Sent from my iPhone using AlpineZone


----------



## jmurray23 (Jun 16, 2015)

this was a picture I saw from last Sunday 


Sent from my iPhone using AlpineZone


----------



## JimG. (Jun 18, 2015)

That looks like it would be worth the trip. 

If the weather is good it's a great hike even without skiing.


----------



## Funky_Catskills (Jun 23, 2015)

Another year missed.... this is not cool...

NEXT YEAR!!!!!


----------



## Not Sure (Jun 23, 2015)

Funky_Catskills said:


> Another year missed.... this is not cool...
> 
> NEXT YEAR!!!!!



Put it on your calendar now for next year.


----------



## chuckstah (Jun 29, 2015)

Looking at Thursday for July  east coast turns. It looked good on the cam Sat night, but there's been a lot of rain since. Hoping for patches of 100 yards or so. Probably will be a bit shorter than that. Cam should be visible by tomorrow to confirm if its a go!


----------



## Not Sure (Jun 29, 2015)

:flag::flag::flag::flag::flag::flag: Looking for a bowing emodicon but cant find one !





chuckstah said:


> Looking at Thursday for July  east coast turns. It looked good on the cam Sat night, but there's been a lot of rain since. Hoping for patches of 100 yards or so. Probably will be a bit shorter than that. Cam should be visible by tomorrow to confirm if its a go!


----------



## chuckstah (Jun 29, 2015)

I'll post a pic or two if it goes down. My legs already hurt thinking of the down hike!


----------



## dlague (Jun 30, 2015)

chuckstah said:


> Looking at Thursday for July  east coast turns. It looked good on the cam Sat night, but there's been a lot of rain since. Hoping for patches of 100 yards or so. Probably will be a bit shorter than that. Cam should be visible by tomorrow to confirm if its a go!

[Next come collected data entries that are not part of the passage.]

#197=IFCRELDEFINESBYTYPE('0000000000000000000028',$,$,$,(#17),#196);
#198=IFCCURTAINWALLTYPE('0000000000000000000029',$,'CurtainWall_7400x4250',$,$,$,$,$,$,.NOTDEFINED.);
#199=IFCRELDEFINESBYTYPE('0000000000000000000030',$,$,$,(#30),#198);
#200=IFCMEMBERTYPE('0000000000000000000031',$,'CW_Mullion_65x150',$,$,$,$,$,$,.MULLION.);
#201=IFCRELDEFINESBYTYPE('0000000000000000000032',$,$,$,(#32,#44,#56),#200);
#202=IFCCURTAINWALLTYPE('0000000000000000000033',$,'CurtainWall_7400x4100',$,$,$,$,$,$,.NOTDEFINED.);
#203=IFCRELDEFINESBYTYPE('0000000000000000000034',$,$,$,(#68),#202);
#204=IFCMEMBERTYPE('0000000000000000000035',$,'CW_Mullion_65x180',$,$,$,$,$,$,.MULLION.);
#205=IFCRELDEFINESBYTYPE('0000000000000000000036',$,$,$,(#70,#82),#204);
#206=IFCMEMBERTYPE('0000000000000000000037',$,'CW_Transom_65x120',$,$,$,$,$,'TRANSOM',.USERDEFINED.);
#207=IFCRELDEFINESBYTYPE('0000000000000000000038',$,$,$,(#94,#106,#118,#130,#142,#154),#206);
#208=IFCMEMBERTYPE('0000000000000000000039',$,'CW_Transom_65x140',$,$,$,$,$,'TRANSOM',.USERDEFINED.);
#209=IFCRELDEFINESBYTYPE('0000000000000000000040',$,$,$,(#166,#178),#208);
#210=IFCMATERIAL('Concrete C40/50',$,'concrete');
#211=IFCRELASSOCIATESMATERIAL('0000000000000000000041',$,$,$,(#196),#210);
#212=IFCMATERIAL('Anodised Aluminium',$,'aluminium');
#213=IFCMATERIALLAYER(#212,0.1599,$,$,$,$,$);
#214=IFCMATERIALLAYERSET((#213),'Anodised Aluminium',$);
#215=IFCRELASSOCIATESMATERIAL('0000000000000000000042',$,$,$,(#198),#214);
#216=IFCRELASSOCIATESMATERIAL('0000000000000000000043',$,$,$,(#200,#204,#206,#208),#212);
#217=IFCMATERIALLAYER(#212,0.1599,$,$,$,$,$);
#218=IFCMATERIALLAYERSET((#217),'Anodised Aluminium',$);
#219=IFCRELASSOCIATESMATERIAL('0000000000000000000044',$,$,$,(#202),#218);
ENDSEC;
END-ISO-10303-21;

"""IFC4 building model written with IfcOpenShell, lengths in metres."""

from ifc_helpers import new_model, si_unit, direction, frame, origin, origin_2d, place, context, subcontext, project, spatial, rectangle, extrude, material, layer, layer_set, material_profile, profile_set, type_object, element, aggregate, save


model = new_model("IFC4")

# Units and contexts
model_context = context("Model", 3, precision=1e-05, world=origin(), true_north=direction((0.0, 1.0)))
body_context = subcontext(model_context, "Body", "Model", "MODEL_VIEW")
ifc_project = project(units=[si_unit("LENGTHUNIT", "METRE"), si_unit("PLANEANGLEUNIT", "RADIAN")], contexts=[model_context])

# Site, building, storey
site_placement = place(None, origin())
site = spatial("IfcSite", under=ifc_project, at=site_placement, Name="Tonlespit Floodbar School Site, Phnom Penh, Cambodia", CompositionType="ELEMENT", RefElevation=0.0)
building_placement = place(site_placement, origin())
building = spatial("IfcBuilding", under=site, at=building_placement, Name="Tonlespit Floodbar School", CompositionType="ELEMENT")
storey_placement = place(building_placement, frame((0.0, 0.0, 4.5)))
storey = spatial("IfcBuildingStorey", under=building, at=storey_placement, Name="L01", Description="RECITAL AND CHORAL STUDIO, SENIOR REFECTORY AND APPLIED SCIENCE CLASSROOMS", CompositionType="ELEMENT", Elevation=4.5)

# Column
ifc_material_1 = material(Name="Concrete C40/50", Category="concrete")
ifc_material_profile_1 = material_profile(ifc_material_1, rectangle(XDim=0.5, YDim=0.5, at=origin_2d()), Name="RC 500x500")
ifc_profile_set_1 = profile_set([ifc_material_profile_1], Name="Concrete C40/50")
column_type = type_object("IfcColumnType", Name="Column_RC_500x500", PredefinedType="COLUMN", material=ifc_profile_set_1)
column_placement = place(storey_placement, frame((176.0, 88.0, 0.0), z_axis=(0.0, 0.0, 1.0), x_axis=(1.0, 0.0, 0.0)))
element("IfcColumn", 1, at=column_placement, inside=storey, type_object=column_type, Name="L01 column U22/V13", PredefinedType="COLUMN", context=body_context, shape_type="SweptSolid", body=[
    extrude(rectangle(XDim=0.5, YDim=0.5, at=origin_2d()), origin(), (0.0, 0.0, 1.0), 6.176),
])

OK that is too much effort for the little vert you might get.  I am not really seeing much at all.


----------



## chuckstah (Jun 30, 2015)

You are correct. The effort is greater than the reward, but it is fun anyway. Skied it July 5th last year, and there is definitely more snow this year. Any summer turns are good ones.


----------



## Not Sure (Jun 30, 2015)

chuckstah said:


> You are correct. The effort is greater than the reward, but it is fun anyway. Skied it July 5th last year, and there is definitely more snow this year. Any summer turns are good ones.



"A" for effort! , if I was 20yrs younger I would definitely do it once just for the experience


----------



## jrd100 (Jul 4, 2015)

I hiked up there this afternoon and folks were skiing lower sluice. A lot of coverage for this time of year, really impressive! To the skiers up at the ravine today, way to keep the stoke alive!!!!! :grin:


----------



## chuckstah (Jul 5, 2015)

From Friday. Snow was deep, but very dirt covered.


----------



## chuckstah (Jul 5, 2015)

Try the pic again...dirty snow!


----------



## bigbog (Jul 16, 2015)

really nice pics....ditto on relighting the stoke.


----------